Bug #15915 "Allocate nodeid failed" when rejoining two ndb nodes
Submitted: 21 Dec 2005 19:01 Modified: 19 Jun 2006 9:37
Reporter: Andreas Granig Email Updates:
Status: No Feedback Impact on me:
None 
Category:MySQL Cluster: Cluster (NDB) storage engine Severity:S2 (Serious)
Version:5.0.15 OS:Linux (Debian Sarge)
Assigned to: CPU Architecture:Any

[21 Dec 2005 19:01] Andreas Granig
Description:
I've four ndb nodes {11,12}, {13,14} running. When I type "reboot" on node 11 and 13, the cluster stays up and running. But when they come up again and I start the ndbd on the two nodes, only the first one can join the cluster, the second segfaults.

How to repeat:
Reboot node 11 and 13 during normal operation without shutting down the ndbd.

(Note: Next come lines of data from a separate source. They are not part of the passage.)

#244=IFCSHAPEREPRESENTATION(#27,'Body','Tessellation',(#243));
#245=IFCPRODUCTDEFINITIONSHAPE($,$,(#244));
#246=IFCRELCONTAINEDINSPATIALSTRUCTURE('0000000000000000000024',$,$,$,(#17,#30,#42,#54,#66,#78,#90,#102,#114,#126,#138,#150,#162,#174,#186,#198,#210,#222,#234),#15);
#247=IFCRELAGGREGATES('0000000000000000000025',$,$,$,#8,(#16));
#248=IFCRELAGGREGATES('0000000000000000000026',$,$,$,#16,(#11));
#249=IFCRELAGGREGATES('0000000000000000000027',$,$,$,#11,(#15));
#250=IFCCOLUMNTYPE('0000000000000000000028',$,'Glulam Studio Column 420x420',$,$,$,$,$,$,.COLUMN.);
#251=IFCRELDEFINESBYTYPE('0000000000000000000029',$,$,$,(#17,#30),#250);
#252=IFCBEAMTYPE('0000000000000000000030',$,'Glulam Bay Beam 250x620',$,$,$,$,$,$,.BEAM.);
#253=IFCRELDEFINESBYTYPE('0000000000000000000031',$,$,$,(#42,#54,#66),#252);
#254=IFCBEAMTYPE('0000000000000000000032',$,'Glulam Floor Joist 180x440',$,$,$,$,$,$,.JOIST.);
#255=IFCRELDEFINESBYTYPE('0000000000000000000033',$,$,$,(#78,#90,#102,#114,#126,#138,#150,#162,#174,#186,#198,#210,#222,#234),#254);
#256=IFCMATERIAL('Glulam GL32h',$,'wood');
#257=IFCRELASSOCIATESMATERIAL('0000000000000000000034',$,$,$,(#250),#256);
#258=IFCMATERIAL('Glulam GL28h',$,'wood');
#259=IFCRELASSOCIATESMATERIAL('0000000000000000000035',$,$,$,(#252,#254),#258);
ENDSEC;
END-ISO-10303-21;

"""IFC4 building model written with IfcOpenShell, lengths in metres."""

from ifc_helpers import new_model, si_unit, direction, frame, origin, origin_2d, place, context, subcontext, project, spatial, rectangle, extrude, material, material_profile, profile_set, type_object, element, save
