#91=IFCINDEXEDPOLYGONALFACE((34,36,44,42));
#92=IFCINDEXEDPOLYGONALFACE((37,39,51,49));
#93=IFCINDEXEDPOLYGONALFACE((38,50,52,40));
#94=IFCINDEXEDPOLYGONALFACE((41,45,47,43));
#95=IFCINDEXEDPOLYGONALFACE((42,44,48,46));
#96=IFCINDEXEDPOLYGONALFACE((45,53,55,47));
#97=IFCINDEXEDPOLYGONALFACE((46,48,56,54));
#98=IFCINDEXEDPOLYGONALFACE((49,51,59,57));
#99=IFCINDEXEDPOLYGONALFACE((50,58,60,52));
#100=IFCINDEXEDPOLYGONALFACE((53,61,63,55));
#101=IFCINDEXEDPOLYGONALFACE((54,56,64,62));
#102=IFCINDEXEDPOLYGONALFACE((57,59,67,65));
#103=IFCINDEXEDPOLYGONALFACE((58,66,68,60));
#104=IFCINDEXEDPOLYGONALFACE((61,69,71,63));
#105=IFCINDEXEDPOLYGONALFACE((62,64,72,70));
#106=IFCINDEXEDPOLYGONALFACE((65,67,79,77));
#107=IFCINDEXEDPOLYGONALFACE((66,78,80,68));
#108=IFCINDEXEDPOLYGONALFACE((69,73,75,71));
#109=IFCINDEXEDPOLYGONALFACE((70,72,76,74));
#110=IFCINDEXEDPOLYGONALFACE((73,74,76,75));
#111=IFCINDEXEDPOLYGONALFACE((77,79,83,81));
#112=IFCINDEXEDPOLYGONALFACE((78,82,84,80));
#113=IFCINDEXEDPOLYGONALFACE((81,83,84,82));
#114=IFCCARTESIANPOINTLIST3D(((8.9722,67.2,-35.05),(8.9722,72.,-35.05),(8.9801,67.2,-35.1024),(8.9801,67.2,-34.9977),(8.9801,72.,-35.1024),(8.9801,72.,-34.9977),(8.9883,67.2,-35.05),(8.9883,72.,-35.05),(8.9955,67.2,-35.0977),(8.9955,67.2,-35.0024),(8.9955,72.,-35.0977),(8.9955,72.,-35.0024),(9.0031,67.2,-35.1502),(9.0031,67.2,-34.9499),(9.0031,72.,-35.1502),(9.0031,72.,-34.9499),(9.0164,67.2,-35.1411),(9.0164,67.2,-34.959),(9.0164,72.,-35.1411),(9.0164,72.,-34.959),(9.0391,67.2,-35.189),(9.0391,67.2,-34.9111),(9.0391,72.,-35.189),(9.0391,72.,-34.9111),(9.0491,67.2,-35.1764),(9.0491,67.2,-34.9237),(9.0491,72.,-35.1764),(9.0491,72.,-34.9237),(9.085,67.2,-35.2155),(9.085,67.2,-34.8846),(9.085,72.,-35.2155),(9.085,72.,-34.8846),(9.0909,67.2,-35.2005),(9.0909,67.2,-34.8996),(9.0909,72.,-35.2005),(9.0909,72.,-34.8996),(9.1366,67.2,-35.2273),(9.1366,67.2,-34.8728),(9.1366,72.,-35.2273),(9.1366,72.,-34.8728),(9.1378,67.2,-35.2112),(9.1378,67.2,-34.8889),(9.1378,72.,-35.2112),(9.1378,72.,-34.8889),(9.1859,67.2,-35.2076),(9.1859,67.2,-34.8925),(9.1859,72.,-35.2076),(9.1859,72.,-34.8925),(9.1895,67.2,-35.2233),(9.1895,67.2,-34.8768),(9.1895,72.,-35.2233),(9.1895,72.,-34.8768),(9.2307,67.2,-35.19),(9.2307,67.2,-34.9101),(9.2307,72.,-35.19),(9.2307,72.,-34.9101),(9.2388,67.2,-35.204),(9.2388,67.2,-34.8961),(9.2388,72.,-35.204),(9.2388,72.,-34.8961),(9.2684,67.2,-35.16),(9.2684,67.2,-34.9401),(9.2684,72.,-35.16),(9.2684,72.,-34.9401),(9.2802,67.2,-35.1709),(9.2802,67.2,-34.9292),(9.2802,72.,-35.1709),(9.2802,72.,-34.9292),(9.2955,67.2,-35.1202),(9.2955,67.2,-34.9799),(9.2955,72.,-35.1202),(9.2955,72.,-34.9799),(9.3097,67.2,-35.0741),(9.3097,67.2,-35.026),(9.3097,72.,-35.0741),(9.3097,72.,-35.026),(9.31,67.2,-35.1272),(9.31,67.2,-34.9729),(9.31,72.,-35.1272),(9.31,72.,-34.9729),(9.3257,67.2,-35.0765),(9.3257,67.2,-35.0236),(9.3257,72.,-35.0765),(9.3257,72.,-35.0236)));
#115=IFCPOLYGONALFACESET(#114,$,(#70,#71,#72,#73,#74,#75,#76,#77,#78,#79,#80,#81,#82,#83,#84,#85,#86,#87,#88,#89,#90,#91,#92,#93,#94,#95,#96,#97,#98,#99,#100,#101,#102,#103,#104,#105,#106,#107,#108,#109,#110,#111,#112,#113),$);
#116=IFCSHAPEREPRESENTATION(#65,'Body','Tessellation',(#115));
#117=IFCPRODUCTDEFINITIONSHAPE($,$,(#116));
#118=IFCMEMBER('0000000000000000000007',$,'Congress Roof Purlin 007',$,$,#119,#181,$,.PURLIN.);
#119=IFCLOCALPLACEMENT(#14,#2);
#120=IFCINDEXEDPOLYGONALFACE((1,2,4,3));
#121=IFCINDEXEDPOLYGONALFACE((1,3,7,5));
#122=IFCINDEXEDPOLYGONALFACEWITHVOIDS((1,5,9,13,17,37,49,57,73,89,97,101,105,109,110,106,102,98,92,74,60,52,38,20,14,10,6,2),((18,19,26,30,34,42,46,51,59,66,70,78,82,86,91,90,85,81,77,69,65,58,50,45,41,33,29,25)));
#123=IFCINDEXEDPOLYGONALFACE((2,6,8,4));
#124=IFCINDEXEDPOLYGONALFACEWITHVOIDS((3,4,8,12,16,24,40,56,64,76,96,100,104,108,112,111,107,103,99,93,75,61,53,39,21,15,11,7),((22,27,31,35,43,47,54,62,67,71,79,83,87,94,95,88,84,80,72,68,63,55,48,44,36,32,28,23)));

If they're up again, start the ndbd on node 11 and 13 without any command-line parameter. One of the nodes then segfaults, and the mgmd says:

Allocate nodeid (13) failed. Connection from ip 172.19.200.13. Returned error string "Id 13 already allocated by another node."
2005-12-21 17:57:37 [MgmSrvr] INFO     -- Mgmt server state: node id's  11 12 13 14 32 connected but not reserved

Killing the ndb_mgmd doesn't help, and executing "purge stale sessions" on the mgm client doesn't either ("No sessions purged").

Shutting down the cluster, then restarting everything works fine btw.
[21 Dec 2005 19:03] Andreas Granig
The log entries of the mgmd

Attachment: mgmd-log.txt (plain/text, text), 12.76 KiB.

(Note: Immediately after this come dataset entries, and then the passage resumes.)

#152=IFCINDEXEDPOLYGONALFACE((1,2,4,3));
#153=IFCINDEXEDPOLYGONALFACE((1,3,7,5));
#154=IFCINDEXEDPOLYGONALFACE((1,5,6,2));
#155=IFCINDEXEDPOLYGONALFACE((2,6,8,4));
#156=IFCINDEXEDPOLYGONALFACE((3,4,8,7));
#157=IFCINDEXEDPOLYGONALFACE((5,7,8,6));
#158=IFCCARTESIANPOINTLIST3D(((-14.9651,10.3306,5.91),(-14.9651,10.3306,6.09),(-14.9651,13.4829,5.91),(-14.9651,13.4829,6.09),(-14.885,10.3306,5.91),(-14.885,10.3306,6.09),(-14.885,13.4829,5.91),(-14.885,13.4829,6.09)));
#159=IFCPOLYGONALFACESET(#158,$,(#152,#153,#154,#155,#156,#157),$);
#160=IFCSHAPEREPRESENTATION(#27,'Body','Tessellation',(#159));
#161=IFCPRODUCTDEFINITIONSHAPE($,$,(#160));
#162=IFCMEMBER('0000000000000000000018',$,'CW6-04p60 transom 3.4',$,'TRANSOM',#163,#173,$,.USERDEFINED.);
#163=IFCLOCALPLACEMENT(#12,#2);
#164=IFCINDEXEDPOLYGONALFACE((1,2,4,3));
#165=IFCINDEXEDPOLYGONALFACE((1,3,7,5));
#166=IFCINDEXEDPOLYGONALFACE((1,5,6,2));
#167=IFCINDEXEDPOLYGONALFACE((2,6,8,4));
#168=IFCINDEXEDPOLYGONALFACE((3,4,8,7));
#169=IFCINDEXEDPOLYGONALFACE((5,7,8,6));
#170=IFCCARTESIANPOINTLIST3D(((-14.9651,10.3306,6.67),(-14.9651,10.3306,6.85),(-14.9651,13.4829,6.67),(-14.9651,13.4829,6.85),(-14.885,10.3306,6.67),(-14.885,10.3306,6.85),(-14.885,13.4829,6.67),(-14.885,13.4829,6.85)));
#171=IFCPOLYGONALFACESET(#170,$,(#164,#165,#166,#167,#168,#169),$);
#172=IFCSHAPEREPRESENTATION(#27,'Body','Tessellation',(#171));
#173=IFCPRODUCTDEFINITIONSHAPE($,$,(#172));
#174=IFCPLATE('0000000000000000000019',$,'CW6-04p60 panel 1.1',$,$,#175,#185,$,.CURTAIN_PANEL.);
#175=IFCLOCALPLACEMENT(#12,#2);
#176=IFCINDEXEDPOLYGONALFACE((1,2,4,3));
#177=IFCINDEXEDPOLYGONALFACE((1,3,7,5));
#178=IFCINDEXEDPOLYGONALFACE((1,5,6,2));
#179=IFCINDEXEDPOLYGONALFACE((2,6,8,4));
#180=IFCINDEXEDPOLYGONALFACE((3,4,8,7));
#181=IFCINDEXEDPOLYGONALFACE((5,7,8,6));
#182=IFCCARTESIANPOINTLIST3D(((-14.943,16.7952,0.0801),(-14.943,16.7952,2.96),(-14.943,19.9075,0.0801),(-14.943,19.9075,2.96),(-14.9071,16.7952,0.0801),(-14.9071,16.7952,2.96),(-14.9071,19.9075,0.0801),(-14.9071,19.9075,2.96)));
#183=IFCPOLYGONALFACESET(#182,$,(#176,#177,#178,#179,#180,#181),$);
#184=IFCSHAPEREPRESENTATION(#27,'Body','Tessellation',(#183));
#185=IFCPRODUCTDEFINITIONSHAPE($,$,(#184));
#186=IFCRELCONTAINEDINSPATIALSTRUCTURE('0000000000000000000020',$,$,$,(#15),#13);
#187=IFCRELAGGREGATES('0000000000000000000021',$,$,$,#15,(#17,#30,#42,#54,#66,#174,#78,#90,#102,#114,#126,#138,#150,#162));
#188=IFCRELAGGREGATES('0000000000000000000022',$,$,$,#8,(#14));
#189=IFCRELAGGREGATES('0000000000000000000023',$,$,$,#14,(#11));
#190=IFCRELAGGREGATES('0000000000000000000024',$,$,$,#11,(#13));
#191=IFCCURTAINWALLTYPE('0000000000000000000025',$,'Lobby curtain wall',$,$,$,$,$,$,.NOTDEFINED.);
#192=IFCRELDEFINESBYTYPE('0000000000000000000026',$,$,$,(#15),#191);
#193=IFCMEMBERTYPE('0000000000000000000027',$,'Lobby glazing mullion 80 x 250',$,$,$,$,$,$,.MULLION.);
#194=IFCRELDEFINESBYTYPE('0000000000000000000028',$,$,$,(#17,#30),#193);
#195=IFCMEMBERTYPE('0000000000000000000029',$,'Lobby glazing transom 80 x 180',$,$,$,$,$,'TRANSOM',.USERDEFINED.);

[21 Dec 2005 19:04] Andreas Granig
The configs of the mgmd, ndbd and sql node

Attachment: configs.txt (plain/text, text), 2.35 KiB.

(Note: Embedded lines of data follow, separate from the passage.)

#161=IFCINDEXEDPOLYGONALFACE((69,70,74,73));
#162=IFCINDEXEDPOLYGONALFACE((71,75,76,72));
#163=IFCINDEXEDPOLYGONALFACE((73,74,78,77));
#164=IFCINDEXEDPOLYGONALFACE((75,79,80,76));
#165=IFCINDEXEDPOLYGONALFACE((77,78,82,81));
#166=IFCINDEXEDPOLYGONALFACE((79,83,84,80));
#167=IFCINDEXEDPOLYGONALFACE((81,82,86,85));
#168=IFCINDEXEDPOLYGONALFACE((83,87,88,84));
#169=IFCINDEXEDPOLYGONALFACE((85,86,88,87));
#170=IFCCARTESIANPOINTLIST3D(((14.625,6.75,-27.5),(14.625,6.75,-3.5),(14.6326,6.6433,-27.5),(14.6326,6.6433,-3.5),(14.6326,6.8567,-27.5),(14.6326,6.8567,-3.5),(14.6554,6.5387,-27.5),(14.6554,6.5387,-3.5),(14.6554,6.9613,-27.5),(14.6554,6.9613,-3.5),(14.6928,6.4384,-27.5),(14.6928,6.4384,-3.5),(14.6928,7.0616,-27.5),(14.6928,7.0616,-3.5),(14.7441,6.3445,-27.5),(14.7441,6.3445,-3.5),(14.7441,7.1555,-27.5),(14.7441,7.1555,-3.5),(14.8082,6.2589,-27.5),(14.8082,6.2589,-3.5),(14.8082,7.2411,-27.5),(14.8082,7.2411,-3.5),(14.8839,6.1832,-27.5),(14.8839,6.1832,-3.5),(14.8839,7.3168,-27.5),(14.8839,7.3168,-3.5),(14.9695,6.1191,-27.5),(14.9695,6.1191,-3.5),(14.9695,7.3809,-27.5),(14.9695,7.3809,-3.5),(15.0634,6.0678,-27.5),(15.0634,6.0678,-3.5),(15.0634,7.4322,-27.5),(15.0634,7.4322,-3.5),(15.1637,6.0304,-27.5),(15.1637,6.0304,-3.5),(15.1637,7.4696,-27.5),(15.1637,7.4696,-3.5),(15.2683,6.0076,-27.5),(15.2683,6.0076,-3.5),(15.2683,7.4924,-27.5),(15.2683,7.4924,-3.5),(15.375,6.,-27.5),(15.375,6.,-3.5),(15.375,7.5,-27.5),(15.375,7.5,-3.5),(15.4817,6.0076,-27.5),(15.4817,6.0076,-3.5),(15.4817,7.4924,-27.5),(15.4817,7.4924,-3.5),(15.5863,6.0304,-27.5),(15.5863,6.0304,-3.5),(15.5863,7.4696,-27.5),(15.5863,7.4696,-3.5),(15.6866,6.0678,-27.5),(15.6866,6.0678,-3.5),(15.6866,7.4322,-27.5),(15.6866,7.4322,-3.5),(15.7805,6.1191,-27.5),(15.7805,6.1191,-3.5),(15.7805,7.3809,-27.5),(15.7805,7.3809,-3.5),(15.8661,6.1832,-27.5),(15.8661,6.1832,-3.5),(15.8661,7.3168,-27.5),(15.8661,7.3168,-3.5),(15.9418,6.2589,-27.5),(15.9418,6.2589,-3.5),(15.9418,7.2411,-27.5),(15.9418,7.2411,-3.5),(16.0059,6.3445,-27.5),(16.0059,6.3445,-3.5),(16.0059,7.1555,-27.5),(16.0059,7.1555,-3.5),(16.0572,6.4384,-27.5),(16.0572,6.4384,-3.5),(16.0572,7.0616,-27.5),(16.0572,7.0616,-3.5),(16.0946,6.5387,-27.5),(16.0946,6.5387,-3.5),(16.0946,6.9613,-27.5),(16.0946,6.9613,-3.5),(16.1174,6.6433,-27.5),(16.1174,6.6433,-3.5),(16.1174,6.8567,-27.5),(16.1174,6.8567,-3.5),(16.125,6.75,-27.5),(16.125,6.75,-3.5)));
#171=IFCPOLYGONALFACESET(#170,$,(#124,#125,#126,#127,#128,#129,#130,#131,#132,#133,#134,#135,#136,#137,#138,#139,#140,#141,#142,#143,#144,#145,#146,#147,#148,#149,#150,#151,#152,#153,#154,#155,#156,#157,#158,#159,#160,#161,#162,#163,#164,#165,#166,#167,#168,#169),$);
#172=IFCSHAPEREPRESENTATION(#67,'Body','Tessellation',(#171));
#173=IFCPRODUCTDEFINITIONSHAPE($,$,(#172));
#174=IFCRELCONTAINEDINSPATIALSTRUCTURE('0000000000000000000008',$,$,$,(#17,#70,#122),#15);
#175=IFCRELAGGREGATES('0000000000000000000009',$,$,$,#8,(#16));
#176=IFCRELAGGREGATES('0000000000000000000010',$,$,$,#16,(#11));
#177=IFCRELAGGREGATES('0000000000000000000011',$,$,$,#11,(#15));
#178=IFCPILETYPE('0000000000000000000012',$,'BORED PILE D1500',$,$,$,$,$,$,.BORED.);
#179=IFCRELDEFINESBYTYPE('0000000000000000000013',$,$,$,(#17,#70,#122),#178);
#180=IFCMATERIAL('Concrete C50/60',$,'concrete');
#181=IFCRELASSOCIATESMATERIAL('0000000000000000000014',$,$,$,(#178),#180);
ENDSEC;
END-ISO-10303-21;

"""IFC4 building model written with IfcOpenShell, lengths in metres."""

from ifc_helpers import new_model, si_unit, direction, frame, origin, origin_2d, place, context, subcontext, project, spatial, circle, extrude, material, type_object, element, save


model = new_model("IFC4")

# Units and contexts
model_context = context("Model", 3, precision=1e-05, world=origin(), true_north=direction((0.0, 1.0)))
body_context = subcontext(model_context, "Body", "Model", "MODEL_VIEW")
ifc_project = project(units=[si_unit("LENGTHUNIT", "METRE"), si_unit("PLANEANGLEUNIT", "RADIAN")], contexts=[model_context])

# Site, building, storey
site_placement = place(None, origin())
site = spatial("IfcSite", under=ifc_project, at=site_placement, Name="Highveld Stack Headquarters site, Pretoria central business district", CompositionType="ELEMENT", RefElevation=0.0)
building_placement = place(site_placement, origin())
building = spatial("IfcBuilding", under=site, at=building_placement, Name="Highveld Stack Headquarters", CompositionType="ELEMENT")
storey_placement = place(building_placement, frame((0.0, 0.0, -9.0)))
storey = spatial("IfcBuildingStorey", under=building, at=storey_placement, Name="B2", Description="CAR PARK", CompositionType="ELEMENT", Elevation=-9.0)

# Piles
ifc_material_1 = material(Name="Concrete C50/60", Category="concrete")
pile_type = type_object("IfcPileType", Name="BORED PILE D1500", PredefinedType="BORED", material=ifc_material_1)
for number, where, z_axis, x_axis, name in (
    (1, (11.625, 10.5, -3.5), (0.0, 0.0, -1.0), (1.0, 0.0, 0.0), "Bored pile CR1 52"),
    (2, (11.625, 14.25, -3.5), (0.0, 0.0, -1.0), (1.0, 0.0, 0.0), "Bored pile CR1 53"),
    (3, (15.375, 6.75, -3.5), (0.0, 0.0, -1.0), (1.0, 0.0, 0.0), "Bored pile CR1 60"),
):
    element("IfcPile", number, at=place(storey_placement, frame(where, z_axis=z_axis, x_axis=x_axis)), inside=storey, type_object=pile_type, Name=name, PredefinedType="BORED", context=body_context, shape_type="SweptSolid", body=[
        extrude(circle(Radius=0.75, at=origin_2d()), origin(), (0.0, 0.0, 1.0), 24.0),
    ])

[21 Dec 2005 19:07] Andreas Granig
Oh, and the log of node 13:

Time: Wednesday 21 December 2005 - 19:34:42
Status: Temporary error, restart node
Message: Error OS signal received (Internal error, programming error or missing error message, please report a bug)
Error: 6000
Error data: Signal 17 received; Child exited
Error object: main.cpp
Program: ndbd
Pid: 4184
Trace: /var/lib/mysql-cluster/storage/ndb_13_trace.log.5
Version: Version 5.0.15
***EOM***

The trace file ndb_13_trace.log.5 is attached seperately.
[21 Dec 2005 19:10] Andreas Granig
The trace of the ndbd log of node 13 (gzip'ed)

Attachment: ndb_13_trace.log.5.gz (application/x-tar, text), 67.68 KiB.

[21 Dec 2005 19:20] Jonathan Miller
Can you attach the trace files for the node?
Thanks
[21 Dec 2005 19:21] Jonathan Miller
Already attached, sorry. Thanks
[19 May 2006 9:37] Jonas Oreland
The core is reported in http://bugs.mysql.com/bug.php?id=17677

But why "purge stale session" and restart of ndb_mgmd does not work I dont understand.
When you say "reboot", do what do you mean then?

Regardless, a number of improvements have been made in this area (in 5.0.21) 
(http://bugs.mysql.com/bug.php?id=19930)
But, unfortuntly these improvements containted a bug, that will be fixed in next 5.0 release.
Maybe the bug in the improvement does not affect you, that's hard to say.

So you could try 5.0.21 (or wait for 5.0.22)

/Jonas
[19 Jun 2006 23:00] Bugs System
No feedback was provided for this bug for over a month, so it is
being suspended automatically. If you are able to provide the
information that was originally requested, please do so and change
the status of the bug back to "Open".